- First appearance: The Return of Tarzan (1913)
- Created by: Edgar Rice Burroughs
- Genre: Fantasy adventure

In-universe information
- Type: Lost city
- Character: La
- Demonym: Oparian

= Opar (fictional city) =

Fictional lost city in Burroughs's Tarzan novels

Opar is a fictional lost city in the Tarzan novels of Edgar Rice Burroughs and later the Khokarsa novels of Philip José Farmer and Christopher Paul Carey, as well as various derivative works in other media.

The city first appeared in Burroughs' second Tarzan novel, The Return of Tarzan (1913).

==Fictional description==
Opar is a lost colony of Atlantis located deep in the jungles of Central Africa, in which incredible riches have been stockpiled down through the ages. The city's population exhibits extreme sexual dimorphism caused by a combination of excessive inbreeding, cross-breeding with apes, and selective culling of offspring. Consequently, female Oparians appear perfectly human, while male Oparians are apelike brutes. The ruler and high priestess of the city is Queen La, who on her first encounter with Tarzan falls in love with him, and subsequently carries a torch for him. Tarzan, already committed to Jane Porter, spurns her advances, thus endangering his own life, as the religion of Opar condones human sacrifice. Yet he returns to the lost city time and again to replenish his personal wealth from its hoarded treasure.

==Appearances==

=== In the works of Burroughs ===
After its initial appearance in Burroughs's second Tarzan novel, The Return of Tarzan (1913), Opar is revisited in the fifth, Tarzan and the Jewels of Opar (1916); the ninth, Tarzan and the Golden Lion (1923); and the fourteenth, Tarzan the Invincible (1930). Exiles from Opar also appear in Burroughs' 1936 juvenile story "Tarzan and the Tarzan Twins, with Jad-Bal-Ja, the Golden Lion" (later published as the second part of Tarzan and the Tarzan Twins in 1963).

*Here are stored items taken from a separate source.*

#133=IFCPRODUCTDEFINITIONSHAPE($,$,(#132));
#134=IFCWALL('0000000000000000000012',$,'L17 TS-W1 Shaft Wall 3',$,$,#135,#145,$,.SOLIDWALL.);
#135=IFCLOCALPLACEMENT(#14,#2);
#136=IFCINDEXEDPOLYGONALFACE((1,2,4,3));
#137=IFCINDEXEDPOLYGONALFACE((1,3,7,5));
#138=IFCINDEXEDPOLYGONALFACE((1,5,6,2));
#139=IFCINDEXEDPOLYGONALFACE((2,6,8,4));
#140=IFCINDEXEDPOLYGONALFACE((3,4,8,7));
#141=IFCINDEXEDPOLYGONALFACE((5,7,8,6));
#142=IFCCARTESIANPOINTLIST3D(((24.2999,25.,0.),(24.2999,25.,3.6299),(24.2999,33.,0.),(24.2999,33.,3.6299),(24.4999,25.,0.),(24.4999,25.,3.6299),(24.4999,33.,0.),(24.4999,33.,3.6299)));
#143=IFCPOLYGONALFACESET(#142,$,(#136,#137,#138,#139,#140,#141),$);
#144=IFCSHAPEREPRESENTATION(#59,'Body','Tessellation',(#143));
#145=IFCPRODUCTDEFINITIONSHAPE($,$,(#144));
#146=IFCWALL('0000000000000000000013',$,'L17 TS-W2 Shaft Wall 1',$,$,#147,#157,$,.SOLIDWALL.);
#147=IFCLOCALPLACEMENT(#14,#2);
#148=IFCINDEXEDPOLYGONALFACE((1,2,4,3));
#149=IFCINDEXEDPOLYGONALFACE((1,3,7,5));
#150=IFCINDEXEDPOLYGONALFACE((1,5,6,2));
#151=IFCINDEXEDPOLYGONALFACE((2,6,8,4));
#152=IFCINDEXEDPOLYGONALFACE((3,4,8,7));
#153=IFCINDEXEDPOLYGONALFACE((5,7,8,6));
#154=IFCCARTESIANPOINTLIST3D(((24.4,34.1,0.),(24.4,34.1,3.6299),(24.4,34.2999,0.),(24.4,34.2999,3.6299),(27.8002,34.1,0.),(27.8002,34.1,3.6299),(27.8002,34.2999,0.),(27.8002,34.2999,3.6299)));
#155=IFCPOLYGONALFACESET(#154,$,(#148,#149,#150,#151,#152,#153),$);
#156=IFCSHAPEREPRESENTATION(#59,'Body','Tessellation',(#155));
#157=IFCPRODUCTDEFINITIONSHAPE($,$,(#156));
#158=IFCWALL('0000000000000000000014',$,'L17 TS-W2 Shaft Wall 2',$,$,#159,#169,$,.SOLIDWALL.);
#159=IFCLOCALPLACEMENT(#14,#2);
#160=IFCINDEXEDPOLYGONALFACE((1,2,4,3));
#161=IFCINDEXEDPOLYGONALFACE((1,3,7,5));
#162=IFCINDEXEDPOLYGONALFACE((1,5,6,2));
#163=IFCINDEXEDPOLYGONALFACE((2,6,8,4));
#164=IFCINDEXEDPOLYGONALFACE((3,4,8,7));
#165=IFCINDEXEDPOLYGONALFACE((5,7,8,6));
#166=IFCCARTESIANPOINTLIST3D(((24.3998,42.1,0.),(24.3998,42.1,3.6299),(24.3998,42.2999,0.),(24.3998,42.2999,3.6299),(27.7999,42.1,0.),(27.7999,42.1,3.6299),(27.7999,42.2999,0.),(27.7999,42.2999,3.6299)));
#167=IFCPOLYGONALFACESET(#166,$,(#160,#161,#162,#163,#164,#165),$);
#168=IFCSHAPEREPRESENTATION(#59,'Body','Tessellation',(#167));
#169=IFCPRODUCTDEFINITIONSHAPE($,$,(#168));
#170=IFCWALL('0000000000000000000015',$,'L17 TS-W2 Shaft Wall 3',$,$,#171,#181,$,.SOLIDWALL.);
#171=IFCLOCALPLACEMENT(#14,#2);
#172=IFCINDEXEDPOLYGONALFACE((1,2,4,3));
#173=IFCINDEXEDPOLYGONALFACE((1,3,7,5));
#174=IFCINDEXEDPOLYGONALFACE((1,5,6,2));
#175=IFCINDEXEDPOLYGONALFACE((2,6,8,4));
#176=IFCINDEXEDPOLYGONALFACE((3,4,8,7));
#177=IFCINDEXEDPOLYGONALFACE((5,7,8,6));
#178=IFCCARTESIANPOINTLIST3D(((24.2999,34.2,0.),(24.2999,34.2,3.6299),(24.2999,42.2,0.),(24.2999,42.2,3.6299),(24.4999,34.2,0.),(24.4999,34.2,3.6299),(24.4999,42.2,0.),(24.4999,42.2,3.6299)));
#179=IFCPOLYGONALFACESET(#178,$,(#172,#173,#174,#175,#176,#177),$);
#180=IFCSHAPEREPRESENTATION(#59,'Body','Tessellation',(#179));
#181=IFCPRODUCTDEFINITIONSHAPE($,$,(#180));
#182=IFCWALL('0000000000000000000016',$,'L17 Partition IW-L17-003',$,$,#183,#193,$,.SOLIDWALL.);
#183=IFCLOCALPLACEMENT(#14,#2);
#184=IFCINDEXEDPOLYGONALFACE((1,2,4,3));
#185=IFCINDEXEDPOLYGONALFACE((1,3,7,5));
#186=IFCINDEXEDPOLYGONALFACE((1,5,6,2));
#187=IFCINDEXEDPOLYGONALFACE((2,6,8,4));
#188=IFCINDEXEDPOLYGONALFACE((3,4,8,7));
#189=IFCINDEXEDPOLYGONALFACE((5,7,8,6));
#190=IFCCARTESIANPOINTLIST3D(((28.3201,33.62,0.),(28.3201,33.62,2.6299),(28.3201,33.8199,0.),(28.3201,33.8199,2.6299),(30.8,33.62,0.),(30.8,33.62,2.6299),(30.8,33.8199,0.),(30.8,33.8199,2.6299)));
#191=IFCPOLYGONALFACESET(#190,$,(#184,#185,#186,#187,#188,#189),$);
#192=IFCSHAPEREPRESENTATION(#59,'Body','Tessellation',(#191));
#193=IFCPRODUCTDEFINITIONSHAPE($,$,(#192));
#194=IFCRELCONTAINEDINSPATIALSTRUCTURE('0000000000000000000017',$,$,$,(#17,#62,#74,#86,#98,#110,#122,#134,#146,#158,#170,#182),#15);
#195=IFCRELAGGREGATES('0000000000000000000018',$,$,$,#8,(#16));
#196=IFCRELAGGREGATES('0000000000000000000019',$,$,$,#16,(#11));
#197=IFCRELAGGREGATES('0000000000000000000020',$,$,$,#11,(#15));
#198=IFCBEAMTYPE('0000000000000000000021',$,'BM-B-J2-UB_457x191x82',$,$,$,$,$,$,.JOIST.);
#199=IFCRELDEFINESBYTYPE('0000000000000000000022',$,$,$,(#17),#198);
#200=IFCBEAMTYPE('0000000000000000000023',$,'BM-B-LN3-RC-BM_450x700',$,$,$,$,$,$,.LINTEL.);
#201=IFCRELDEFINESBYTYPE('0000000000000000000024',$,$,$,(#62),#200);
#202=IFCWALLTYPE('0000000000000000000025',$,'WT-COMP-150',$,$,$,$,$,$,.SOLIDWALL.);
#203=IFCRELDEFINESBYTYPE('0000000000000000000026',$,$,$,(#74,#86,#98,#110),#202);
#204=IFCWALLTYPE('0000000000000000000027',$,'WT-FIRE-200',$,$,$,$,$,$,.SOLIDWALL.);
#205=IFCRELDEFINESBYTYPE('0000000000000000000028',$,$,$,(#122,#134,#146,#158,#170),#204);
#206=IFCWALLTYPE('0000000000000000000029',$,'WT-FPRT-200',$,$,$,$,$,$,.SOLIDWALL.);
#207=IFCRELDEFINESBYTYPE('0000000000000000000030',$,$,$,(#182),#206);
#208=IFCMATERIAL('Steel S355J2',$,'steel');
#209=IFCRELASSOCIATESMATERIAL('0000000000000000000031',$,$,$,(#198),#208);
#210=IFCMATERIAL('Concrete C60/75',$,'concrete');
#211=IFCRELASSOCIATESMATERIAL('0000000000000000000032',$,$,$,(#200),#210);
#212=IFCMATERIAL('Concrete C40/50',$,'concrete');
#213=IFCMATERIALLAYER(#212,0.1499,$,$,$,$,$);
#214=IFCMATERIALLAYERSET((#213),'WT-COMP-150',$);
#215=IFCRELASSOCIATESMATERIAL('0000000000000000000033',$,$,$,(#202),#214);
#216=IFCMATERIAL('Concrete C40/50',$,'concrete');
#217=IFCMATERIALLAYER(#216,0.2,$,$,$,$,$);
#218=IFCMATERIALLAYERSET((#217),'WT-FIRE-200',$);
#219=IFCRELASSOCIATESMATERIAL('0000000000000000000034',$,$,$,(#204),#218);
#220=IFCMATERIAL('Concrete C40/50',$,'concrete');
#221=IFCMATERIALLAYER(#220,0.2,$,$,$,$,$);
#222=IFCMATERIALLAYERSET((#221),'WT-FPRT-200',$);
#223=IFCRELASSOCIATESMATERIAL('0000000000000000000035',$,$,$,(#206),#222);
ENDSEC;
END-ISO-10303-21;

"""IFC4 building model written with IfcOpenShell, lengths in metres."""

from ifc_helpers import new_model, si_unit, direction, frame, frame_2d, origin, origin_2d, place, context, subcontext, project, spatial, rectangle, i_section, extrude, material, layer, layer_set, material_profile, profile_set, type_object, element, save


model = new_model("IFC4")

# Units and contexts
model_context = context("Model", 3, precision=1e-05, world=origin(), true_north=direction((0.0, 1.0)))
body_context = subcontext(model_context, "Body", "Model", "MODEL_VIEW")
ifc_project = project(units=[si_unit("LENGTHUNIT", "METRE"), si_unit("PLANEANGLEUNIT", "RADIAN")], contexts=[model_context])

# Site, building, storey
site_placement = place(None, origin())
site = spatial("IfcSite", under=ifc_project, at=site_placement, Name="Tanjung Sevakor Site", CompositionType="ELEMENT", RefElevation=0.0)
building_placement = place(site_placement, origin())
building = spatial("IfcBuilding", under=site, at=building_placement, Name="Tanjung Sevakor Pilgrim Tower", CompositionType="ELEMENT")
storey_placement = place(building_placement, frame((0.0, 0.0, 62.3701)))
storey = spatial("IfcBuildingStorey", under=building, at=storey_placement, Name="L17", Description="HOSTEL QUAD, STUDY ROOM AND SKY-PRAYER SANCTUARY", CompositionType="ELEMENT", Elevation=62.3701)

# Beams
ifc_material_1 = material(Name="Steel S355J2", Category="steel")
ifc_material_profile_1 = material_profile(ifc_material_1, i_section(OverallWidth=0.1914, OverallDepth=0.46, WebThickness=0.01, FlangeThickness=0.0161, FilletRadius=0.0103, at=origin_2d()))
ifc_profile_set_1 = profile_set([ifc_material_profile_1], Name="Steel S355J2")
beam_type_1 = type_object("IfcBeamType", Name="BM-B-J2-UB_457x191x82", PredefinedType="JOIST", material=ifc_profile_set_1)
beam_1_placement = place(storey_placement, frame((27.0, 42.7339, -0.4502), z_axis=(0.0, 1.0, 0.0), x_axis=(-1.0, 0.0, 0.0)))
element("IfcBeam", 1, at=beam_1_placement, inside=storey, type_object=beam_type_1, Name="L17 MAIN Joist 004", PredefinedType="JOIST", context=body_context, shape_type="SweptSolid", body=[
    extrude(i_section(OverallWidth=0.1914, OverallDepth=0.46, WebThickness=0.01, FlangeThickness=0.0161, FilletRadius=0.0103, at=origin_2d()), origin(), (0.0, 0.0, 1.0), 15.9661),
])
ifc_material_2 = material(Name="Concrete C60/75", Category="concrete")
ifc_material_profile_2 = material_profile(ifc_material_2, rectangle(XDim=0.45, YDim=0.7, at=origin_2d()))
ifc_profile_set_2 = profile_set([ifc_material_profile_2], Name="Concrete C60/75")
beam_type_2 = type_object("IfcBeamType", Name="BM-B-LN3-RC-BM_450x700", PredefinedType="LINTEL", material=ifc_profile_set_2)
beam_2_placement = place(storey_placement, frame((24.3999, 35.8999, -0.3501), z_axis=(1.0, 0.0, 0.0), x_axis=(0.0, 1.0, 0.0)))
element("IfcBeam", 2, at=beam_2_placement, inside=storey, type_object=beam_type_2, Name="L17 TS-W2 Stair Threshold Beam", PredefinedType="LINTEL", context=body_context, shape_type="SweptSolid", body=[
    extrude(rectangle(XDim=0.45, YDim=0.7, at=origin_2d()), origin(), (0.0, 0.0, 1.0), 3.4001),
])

=== In the works of Farmer and Carey ===
Philip José Farmer includes Opar in his fictional biography Tarzan Alive: A Definitive Biography of Lord Greystoke (1972), where Tarzan decides to hide the now abandoned city by diverting a river to bury it in sediment. Opar is also the eponymous setting of Farmer's novels Hadon of Ancient Opar (1974) and Flight to Opar (1976). He originally planned to continue the series, leaving two incomplete works. The novel The Song of Kwasin and novella Kwasin and the Bear God were later completed by Christopher Paul Carey. Carey went on to write multiple Opar novellas, including Exiles of Kho (2012), Hadon, King of Opar (2015) and Blood of Ancient Opar (2016).

=== In adapted Tarzan media ===
On film, Opar was seen in the early Tarzan films The Adventures of Tarzan (1921), based on The Return of Tarzan; and Tarzan the Tiger (1929), based on Tarzan and the Jewels of Opar; as well as the film Tarzan and the Lost City (1998). Opar also appeared, in the guise of a generic African village, in Tarzan and the Lost Safari (1957), in which the Oparians were led by the male chief Chief Ogonooro (played by Orlando Martins) rather than the female queen/priestess La.

The film The Legend of Tarzan (2016) mentions Opar in the pre-title opening sequence, but does not show the lost city. An expedition to Opar led by Léon Rom is massacred by warriors led by Chief Mbonga, who offers Rom diamonds in exchange for Tarzan. Opar also appears in the Disney TV adaptation, crumbling after the sceptre of La is destroyed.

=== In other media ===
The City of Opar was mentioned in passing in the League of Extraordinary Gentlemen graphic novels.